Get multiple sentences,
The acquired sentence is divided into a plurality of elements that are characters or character strings of a predetermined unit,
Learn the elements that appear next to each element in the order of the acquired sentences,
Rearranging the order of the plurality of elements from the beginning to the end of the sentence in reverse order,
A program for causing a computer to execute a process of learning the element that appears next to each element in the order of the rearranged sentences.
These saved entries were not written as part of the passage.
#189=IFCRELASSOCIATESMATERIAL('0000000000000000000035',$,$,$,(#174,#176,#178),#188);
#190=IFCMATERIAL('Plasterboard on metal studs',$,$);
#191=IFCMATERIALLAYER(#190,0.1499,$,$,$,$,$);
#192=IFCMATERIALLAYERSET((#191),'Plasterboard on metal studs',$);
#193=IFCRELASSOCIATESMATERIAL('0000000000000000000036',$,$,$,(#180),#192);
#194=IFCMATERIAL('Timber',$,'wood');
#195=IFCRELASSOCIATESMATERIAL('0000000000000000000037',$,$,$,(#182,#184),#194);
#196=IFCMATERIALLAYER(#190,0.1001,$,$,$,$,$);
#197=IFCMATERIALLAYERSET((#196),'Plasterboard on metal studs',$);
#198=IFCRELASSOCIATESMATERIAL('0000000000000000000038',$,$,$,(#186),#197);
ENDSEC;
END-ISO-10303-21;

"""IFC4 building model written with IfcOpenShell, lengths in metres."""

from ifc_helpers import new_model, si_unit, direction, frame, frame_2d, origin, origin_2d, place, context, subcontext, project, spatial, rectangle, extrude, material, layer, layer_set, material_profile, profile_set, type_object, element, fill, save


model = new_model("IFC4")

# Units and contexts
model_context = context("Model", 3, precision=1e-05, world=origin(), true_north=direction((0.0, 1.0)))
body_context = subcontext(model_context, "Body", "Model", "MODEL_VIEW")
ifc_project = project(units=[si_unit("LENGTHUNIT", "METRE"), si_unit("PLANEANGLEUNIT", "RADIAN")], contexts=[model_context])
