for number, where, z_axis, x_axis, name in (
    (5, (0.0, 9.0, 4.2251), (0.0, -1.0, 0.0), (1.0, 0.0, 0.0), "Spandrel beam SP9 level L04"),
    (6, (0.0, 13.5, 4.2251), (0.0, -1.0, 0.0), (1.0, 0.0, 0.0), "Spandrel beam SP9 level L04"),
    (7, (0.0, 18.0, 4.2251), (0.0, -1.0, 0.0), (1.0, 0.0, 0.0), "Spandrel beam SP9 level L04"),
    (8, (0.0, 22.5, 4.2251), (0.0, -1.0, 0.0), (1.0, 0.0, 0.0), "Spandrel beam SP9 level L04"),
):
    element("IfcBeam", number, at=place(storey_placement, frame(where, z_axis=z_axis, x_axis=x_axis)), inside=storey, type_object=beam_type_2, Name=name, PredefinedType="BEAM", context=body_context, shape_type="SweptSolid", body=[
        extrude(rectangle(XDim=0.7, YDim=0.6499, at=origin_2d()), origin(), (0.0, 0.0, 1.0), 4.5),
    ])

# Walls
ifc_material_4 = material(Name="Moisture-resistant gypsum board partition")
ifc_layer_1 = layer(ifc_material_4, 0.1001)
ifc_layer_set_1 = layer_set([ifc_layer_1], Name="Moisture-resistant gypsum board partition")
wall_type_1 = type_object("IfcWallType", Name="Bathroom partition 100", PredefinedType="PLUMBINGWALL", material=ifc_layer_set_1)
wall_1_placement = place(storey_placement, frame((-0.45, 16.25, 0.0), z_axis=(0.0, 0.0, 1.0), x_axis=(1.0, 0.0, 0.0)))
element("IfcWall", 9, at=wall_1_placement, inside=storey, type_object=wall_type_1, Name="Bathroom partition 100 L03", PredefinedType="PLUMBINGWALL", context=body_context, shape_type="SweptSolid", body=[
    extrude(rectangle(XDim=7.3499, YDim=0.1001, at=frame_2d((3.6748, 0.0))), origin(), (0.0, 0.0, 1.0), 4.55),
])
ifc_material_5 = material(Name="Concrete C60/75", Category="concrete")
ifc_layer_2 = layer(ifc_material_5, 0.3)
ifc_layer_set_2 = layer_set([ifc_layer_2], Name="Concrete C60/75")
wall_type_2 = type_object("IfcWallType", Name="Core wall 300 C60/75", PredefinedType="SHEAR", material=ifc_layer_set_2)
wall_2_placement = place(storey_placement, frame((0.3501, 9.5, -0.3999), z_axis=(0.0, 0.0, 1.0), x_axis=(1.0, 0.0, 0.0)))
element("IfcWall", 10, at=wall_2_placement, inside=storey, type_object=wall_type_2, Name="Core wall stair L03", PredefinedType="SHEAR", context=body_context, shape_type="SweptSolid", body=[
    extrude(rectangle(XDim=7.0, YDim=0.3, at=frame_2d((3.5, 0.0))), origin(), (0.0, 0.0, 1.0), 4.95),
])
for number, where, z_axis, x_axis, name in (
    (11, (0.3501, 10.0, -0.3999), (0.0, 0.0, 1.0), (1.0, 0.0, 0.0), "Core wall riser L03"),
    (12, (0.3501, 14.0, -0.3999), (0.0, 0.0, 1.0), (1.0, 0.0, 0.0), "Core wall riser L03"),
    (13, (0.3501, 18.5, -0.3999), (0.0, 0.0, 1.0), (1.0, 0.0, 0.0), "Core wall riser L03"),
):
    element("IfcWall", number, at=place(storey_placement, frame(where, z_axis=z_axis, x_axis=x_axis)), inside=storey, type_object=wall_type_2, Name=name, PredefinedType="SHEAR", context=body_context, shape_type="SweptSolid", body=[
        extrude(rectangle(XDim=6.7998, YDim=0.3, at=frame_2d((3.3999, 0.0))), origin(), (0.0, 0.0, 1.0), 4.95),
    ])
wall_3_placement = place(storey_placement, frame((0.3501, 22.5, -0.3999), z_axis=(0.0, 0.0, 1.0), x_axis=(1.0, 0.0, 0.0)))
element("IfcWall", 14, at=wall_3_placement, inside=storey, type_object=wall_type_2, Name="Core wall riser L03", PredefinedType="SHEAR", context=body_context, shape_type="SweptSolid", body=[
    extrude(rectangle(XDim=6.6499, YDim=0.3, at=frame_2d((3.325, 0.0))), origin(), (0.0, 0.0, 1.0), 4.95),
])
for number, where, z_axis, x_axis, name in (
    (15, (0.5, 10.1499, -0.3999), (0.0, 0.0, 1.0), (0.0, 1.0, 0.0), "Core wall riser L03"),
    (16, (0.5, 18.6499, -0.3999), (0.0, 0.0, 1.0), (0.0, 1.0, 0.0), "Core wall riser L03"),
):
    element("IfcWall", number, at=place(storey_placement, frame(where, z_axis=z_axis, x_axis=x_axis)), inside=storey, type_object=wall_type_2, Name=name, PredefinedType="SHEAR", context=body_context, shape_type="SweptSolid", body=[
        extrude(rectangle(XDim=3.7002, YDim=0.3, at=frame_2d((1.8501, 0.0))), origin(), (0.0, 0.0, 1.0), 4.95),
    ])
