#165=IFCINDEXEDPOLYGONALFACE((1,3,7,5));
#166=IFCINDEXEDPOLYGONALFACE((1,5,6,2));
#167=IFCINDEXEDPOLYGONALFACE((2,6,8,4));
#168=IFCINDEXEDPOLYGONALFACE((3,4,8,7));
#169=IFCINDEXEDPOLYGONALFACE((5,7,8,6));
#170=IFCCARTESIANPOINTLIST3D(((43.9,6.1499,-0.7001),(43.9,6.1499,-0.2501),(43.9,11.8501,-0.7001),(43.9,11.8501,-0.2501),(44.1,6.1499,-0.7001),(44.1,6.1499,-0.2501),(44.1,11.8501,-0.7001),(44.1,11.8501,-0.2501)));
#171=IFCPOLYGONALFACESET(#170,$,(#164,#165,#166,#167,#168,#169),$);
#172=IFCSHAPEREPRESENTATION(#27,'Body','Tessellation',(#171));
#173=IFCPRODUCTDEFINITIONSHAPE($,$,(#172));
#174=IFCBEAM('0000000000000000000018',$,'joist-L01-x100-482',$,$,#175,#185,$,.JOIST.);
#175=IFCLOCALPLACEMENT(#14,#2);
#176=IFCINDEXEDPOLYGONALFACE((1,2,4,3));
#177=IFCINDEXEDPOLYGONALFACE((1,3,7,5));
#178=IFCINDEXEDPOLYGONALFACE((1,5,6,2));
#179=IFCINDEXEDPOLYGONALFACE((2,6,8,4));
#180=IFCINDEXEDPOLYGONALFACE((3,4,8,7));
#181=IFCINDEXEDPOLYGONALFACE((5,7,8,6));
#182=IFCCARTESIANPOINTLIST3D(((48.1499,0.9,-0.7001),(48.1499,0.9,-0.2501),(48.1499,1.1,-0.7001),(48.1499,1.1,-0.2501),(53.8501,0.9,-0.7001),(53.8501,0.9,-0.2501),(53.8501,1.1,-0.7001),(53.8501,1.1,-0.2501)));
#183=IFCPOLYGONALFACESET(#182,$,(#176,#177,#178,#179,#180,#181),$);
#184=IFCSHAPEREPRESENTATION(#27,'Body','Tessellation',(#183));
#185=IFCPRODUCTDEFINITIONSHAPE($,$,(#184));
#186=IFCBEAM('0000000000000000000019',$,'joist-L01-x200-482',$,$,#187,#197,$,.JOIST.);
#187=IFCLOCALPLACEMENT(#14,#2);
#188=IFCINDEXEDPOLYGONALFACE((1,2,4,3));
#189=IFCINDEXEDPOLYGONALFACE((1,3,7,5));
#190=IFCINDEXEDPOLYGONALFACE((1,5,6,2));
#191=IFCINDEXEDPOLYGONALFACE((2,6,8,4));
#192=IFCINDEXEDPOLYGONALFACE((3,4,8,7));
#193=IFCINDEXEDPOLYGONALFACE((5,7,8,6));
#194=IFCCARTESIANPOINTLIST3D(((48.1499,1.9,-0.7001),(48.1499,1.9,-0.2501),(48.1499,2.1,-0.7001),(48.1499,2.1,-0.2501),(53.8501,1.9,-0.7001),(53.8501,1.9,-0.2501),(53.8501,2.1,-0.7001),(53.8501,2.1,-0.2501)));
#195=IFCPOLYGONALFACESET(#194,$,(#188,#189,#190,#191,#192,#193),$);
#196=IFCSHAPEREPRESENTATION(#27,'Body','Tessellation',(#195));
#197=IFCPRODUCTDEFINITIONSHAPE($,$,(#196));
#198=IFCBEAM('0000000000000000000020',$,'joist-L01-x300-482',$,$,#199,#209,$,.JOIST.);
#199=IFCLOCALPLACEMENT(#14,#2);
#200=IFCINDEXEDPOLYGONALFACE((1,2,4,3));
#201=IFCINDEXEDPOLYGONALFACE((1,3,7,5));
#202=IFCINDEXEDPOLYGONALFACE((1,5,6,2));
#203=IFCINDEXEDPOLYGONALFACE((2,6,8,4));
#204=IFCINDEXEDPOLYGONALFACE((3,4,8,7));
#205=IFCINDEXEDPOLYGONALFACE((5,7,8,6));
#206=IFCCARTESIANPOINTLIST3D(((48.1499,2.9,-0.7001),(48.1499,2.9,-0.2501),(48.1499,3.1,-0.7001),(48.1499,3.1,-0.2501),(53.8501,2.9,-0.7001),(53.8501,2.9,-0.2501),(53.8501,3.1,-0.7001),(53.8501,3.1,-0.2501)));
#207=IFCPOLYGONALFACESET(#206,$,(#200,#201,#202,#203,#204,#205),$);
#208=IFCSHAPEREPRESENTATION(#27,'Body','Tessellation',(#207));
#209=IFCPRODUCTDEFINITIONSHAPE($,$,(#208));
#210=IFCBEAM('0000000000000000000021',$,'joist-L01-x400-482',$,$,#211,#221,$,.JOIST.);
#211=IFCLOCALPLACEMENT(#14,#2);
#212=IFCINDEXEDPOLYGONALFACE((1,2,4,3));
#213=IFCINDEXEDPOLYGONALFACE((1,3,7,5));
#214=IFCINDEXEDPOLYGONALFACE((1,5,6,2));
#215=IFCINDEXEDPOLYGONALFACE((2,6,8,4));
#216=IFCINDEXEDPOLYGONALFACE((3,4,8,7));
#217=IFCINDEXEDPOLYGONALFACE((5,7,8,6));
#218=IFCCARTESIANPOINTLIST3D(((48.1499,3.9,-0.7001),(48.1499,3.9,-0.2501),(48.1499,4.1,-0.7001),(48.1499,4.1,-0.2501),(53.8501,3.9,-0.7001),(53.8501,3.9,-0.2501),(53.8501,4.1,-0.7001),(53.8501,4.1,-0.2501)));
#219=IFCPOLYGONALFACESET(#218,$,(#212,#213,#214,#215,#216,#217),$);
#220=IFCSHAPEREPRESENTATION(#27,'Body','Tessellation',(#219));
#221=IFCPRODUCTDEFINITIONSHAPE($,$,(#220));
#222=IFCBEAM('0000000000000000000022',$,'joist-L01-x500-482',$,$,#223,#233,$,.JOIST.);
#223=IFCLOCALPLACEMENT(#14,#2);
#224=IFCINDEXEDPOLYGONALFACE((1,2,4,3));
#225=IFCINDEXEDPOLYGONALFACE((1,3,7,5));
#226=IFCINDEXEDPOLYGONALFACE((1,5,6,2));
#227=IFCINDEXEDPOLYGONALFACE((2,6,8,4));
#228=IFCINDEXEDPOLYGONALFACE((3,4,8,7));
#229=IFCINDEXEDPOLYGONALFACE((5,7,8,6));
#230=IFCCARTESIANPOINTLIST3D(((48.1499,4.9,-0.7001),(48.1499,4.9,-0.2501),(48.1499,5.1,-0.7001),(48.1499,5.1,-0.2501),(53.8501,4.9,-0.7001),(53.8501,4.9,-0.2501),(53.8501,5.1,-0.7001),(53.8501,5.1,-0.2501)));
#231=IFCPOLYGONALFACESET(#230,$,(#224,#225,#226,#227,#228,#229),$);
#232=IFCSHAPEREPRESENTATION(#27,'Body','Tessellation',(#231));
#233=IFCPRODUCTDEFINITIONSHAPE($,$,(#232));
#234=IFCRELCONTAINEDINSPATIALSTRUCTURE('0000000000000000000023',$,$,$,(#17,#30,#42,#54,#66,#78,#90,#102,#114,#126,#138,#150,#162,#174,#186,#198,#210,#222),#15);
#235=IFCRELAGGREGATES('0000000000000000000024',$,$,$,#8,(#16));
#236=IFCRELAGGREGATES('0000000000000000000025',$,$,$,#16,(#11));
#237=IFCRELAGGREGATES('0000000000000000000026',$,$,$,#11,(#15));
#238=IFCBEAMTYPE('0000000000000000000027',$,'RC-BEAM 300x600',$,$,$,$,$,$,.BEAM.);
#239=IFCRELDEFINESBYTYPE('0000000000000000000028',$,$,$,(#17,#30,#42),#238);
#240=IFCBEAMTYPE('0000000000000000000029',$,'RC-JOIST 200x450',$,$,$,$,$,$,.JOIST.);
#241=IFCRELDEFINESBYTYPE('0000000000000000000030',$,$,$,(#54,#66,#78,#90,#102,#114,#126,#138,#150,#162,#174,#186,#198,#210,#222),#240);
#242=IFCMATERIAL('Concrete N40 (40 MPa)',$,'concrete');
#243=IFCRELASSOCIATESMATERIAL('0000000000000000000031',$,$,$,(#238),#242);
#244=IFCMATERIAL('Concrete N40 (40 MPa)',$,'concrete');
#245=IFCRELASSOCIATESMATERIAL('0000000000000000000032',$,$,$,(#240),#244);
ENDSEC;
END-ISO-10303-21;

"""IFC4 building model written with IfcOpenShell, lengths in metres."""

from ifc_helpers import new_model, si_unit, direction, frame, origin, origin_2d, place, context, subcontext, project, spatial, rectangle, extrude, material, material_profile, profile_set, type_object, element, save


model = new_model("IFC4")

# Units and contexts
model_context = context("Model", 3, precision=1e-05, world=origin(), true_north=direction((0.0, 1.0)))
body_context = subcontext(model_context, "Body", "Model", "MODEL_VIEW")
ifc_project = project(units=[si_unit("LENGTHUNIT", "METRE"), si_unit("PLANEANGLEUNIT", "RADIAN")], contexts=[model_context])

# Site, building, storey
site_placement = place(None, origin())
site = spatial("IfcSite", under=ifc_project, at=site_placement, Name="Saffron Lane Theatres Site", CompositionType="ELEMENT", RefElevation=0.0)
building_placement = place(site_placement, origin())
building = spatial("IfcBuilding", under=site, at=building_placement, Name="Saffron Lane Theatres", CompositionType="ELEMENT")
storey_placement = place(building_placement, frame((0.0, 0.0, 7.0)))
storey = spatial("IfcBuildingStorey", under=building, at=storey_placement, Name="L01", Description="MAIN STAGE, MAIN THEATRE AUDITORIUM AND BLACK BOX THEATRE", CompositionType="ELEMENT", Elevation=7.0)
An acquisition unit for acquiring a target sentence that is an error estimation target;
A dividing unit that divides the acquired target sentence into a plurality of elements that are characters or character strings of a predetermined unit;
Based on the learning sentence, the occurrence probability of each of the elements included in the target sentence by referring to the first language model that has learned the elements next to the elements included in the sentence in the order of the sentences A first calculation unit for calculating
An order conversion unit that rearranges the order of the plurality of elements in the target sentence from the beginning to the end of the target sentence in reverse order;
Based on the learning sentence, the occurrence probability of each element of the rearranged target sentence is calculated by referring to the second language model that has learned the element next to each element in reverse order. A second calculation unit;
An estimation apparatus comprising: an estimation unit that estimates an element as an error location based on occurrence probabilities of the element calculated by the first and second calculation units, respectively.

The estimation device according to claim 6, wherein the estimation unit estimates the element as an error location based on the occurrence probability of the element and the character type and / or the number of characters of the element.

The estimation apparatus according to claim 6 or 7, wherein the estimation unit estimates a plurality of continuous elements as error locations when a predetermined number or more of the elements whose occurrence probabilities are equal to or less than a threshold value continue.

An output unit that outputs, as a correction candidate, an element having the highest occurrence probability with respect to the element estimated as an error location with reference to the first or second language model. The estimation apparatus of any one of -8.